At tight end, the numbers will be down this spring; there are only three scholarship players available as of today – H-backs Christian Wilson and Sean Fitzpatrick, and Y-End Nelson "Nelly" Hurst. While some talented freshmen, Eric Ebron and Jack Tabb, arrive this summer, the spring workload will fall on the shoulders of Wilson, Fitzpatrick, and Hurst.

"Christian Wilson, this is what he's been working his tail off for, this opportunity," Shoop said. "Nelson Hurst, he's going to be just fine at the "Y" spot. We're excited about him.

"I think this guy, (Sean) Fitzpatrick, is as hungry as anyone, and we've recruited two really young guys that we think are going to be really good. I've got a great deal of confidence in them.
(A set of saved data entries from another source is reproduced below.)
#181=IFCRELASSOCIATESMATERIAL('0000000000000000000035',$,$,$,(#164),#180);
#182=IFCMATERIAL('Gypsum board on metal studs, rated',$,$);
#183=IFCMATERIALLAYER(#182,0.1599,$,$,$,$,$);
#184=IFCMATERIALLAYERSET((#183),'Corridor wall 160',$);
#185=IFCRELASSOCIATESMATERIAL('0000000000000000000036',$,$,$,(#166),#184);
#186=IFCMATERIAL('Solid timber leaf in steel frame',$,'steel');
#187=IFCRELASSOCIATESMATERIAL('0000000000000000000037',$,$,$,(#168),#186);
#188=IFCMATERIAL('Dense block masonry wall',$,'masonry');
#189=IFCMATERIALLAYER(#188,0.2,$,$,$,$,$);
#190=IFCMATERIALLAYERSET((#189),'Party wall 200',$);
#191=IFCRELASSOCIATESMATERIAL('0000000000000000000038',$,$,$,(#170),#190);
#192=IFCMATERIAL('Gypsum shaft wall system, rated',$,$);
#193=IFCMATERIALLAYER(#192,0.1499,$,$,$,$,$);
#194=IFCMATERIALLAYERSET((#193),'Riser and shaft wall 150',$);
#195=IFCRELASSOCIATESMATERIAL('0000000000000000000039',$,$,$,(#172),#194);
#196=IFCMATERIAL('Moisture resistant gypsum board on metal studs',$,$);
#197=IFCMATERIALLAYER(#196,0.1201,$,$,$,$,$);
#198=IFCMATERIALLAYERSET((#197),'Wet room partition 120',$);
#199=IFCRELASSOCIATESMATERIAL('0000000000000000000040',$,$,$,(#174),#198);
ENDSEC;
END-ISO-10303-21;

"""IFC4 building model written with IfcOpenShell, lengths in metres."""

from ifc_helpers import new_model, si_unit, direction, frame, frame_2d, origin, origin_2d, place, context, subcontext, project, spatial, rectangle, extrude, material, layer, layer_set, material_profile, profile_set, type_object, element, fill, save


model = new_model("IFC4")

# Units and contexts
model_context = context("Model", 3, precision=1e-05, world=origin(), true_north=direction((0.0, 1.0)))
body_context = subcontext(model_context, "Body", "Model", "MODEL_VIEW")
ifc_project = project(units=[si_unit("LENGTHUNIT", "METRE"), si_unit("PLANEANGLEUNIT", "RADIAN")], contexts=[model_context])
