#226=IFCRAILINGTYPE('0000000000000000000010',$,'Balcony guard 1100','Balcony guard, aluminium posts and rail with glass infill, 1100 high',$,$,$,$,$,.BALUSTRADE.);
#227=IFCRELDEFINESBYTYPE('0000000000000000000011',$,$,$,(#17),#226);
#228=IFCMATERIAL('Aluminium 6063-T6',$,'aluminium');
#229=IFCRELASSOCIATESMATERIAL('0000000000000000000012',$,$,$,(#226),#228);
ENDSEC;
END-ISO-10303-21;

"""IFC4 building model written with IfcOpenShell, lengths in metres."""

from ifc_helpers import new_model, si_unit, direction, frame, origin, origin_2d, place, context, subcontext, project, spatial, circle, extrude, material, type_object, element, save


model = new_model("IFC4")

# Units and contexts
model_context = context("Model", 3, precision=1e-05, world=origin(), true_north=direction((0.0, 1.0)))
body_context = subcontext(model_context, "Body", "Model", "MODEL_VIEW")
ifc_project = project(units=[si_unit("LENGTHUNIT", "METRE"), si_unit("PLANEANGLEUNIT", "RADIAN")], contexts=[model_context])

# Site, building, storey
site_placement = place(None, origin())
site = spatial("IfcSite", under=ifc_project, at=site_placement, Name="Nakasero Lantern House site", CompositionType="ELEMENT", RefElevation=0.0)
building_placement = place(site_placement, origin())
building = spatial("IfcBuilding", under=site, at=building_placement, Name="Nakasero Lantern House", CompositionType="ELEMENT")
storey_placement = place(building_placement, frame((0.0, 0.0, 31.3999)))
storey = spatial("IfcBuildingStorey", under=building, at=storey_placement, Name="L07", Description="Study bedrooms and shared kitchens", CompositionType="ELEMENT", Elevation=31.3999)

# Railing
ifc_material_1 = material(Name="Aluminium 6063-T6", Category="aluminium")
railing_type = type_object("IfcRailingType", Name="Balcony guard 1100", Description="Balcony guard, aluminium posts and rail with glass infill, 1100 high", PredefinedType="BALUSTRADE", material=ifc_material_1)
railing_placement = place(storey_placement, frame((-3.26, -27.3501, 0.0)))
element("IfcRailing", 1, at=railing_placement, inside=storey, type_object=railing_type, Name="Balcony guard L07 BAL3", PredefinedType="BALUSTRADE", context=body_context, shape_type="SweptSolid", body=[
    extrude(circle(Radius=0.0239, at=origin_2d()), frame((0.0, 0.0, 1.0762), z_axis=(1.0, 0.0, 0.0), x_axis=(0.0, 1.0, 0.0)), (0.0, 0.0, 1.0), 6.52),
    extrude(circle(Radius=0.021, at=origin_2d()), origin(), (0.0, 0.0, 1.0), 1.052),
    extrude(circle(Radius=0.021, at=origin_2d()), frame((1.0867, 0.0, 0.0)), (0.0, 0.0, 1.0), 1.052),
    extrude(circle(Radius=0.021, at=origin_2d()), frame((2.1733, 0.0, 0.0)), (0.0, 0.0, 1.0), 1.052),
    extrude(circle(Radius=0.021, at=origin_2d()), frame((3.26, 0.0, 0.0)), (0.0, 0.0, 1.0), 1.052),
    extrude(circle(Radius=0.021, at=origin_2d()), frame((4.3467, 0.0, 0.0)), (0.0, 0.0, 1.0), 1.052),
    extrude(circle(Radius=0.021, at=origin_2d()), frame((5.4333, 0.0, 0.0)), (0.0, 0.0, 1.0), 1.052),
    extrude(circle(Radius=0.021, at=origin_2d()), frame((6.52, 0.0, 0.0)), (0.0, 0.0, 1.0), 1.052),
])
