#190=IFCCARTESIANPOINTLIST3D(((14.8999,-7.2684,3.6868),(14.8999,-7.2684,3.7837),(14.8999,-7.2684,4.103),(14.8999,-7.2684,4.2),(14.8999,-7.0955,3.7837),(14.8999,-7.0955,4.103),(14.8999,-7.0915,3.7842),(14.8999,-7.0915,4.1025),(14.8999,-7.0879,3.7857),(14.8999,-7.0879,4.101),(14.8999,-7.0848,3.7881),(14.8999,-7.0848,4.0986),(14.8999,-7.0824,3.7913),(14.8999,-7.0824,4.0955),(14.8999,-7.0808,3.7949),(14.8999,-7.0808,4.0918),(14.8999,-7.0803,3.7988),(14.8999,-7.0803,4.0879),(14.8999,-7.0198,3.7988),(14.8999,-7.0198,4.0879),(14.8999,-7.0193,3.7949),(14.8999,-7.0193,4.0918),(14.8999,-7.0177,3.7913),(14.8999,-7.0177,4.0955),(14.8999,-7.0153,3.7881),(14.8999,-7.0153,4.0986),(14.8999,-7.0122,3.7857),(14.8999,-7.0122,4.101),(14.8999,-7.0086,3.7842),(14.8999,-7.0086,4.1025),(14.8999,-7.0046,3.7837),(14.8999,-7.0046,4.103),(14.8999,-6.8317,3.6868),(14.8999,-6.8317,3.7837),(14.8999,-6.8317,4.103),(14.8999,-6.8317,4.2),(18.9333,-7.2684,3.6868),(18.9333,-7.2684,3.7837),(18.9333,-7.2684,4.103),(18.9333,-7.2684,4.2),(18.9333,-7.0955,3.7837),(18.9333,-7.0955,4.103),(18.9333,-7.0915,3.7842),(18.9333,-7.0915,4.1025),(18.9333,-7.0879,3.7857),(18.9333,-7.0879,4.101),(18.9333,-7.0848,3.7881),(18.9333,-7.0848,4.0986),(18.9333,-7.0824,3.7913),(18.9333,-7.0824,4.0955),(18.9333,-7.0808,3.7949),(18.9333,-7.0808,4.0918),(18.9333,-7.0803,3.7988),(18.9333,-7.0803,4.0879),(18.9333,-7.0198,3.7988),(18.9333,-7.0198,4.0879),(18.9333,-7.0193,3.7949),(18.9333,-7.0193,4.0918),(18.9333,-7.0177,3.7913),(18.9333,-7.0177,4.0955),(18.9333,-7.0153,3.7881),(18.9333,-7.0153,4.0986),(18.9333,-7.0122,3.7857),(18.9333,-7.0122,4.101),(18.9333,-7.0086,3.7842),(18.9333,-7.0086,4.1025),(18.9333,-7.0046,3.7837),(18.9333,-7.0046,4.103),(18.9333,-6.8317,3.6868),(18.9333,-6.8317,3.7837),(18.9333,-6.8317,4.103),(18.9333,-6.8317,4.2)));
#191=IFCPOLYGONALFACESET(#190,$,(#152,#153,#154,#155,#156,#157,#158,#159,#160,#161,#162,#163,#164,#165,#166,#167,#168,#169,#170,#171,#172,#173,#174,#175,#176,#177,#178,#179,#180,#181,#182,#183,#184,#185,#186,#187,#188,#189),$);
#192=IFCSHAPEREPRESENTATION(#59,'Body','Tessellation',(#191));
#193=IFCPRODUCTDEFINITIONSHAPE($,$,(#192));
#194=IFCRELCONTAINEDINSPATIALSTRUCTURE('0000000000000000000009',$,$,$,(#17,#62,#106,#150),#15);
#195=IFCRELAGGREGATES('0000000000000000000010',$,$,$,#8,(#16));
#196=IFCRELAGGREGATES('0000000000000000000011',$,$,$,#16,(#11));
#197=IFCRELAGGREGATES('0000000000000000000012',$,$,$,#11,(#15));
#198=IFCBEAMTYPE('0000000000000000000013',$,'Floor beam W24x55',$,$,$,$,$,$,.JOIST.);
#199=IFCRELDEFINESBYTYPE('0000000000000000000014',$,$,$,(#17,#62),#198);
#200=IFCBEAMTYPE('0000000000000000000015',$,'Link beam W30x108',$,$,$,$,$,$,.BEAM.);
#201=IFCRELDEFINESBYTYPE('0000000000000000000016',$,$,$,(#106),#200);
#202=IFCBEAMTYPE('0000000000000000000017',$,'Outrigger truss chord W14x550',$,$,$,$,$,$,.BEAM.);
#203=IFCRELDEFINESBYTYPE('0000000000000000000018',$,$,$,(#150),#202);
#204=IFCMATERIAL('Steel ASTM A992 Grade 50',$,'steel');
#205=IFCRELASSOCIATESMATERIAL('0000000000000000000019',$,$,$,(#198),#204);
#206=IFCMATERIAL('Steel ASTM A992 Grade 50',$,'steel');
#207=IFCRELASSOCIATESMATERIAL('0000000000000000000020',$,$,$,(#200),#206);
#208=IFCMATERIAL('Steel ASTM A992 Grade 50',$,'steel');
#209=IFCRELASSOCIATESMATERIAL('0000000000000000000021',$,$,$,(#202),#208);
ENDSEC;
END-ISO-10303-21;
We need them to have that production, but they'll be there."

At wide receiver, Shoop know he has a budding superstar on his hands with Dwight Jones, who emerged when Greg Little was ruled ineligible to play.

"Last year we lost our leading receiver when Greg was gone and, these guys, I think, stepped up. We're counting on Dwight to be everything he was and more. He knows that and is approaching it that way."

Even with everyone back, Shoop believes there is a lot of work to do at the wide receiver spots, and takes responsibility for the deficiencies that need to be corrected.

"We need to have more production opposite Dwight," Shoop said. "We need that, and some of that falls on me as well, in terms of scheming it. Because, we've got some players that can fill that void.

"I've said all along, endurance and durability are the most underrated qualities in a football player. The first third of the season I think Jhay Boyd was as good as anybody in the country. We've got to get that out of Jhay for the last two-thirds of the season as well."

Shoop, characteristically, chooses to point to himself as the guy who has to make it all fit together.

"I say ‘we,' and I'm pointing my thumb at myself," Shoop continued. "How can I help (Boyd) be the player he's is capable of being? Because we've all seen flashes of it. I think Josh Adams has shown flashes; I think Erik Highsmith has shown absolute flashes. We love some of these young guys that we red-shirted last year – Tapley and Reggie Wilkins.

"So, I think the opportunity is going to be there for someone to really fill that void and give us some production opposite of Dwight, they've just got to make the decision of who it's going to be. I promise you, players make decisions on playing time, not coaches."

Last season several players, offensively and defensively, had to step into roles that they didn't anticipate in the preseason. Over the course of the season, that recurring theme developed into something of a motto - "Next Man Up" - the belief that the next guy in line would pick up the standard and play as well, or perhaps even better, than the guy who was missing. Maybe that has something to do with Shoop's belief that, no matter what production may be missing, new Tar Heels will step up and fill their roles.

"I think Coach (Butch) Davis's leadership quality is such that we don't dwell much on what we don't have, if a guy gets dinged or is missing a game for whatever reason, we don't dwell much in that world; we dwell more on what we do have," Shoop said.

"This is what a program is, and we've got a good foundation," Shoop continued. "In good programs, the next guy steps up. It's also one of the rewarding things in coaching. These guys are ready to do it; I'm anxious to see it, and they're going to get an opportunity in spring ball."